Their story, though one of a partnership, has also been colored by various slights, real or perceived, that still linger.

Obama declined to endorse Biden over other Democrats in the 2020 primary, a step both men said was necessary to allow for real competition within the party. Four years earlier, Obama had considered Hillary Clinton as his Democratic successor instead of Biden, who had decided not to run as he grappled with the death of his son.

White House press secretary Karine Jean-Pierre said the unveiling would mark an enduring symbol of the “power of hope and change” in the White House.

Jean-Pierre highlighted the close relationship between the two presidents, saying: “During their eight years in office, a close partnership between the two men has developed through the ups and downs of work and life.

Trump portraits are next

The White House Historical Association is in the “early stages” of the processes of portraying former President Trump and former first lady Melania Trump, McLaurin said.

“The focus is on specific artists who are likely to do their portraits,” McLaurin added.

A source familiar with the situation told CNN that discussions about the portraits began over the past six months at Mar-a-Lago — Trump’s Florida residence — and that the former president recently sat down to pictures. However, it’s unclear whether Trump posed for the White House portrait painter or for photographs specifically for the portraits.

On Tuesday, Jean-Pierre declined to say whether Biden would extend an invitation to Trump if his portrait was completed under the Biden administration.

While the official White House portraits are usually funded by the WHHA, the other series of portraits are created for the Smithsonian National Portrait Gallery are guaranteed by Trump’s political donors.

The Trump Political Action Committee donated $650,000 to the Smithsonian Institution in July to help underwrite the Trumps’ portraits, according to Linda St. Thomas, chief spokeswoman for the Smithsonian.

The Trump Save America PAC leadership donation marks the first time funds have come from a political action committee since the institution began raising private funds for presidential portraits — a practice that began with the portraits associated with former President George HW Bush, St. Said Thomas.

St.
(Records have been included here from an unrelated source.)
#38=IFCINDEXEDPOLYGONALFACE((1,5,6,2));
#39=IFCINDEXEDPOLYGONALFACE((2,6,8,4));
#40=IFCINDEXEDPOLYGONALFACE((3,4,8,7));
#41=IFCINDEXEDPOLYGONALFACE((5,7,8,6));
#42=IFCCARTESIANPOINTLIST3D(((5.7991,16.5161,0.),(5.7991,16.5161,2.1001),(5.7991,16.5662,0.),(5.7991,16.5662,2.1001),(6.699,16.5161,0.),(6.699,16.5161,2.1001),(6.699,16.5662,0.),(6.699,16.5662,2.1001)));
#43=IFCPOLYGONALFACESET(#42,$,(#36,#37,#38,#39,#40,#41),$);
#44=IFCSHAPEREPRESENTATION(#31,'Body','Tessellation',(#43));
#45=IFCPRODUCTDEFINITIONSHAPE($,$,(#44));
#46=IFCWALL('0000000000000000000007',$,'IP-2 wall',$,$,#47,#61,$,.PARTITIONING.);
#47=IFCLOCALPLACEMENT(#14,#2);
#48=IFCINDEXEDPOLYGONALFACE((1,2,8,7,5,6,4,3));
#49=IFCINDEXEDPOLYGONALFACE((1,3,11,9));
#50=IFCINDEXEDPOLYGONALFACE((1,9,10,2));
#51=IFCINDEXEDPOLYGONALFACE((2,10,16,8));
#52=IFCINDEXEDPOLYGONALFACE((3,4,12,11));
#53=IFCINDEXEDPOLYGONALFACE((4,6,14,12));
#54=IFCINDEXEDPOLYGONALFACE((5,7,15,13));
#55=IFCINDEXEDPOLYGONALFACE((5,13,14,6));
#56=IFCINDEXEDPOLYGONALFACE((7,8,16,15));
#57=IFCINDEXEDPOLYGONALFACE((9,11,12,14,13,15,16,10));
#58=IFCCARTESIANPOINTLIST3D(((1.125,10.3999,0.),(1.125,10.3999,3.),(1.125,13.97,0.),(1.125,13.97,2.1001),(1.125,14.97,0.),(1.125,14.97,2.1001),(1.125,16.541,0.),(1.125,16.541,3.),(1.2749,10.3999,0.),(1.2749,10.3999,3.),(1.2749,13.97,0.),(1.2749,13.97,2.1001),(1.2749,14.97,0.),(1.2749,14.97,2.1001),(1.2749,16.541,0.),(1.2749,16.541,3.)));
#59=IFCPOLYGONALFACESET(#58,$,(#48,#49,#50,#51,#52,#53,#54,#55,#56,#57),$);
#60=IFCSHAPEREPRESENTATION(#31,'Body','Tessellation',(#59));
Thomas said another private donation of $100,000 also helps defray costs associated with the portraits. The funds, totaling $750,000, will go towards artist fees, shipping, framing, installation and events.

CLARIFICATION: This story has been updated to clarify where President Donald Trump had portraits of Presidents George W. Bush and Bill Clinton moved during his time in the White House.

CNN’s Kevin Liptak, Fredreka Schouten, Gabby Orr, Betsy Klein and Jeff Zeleny contributed to this report.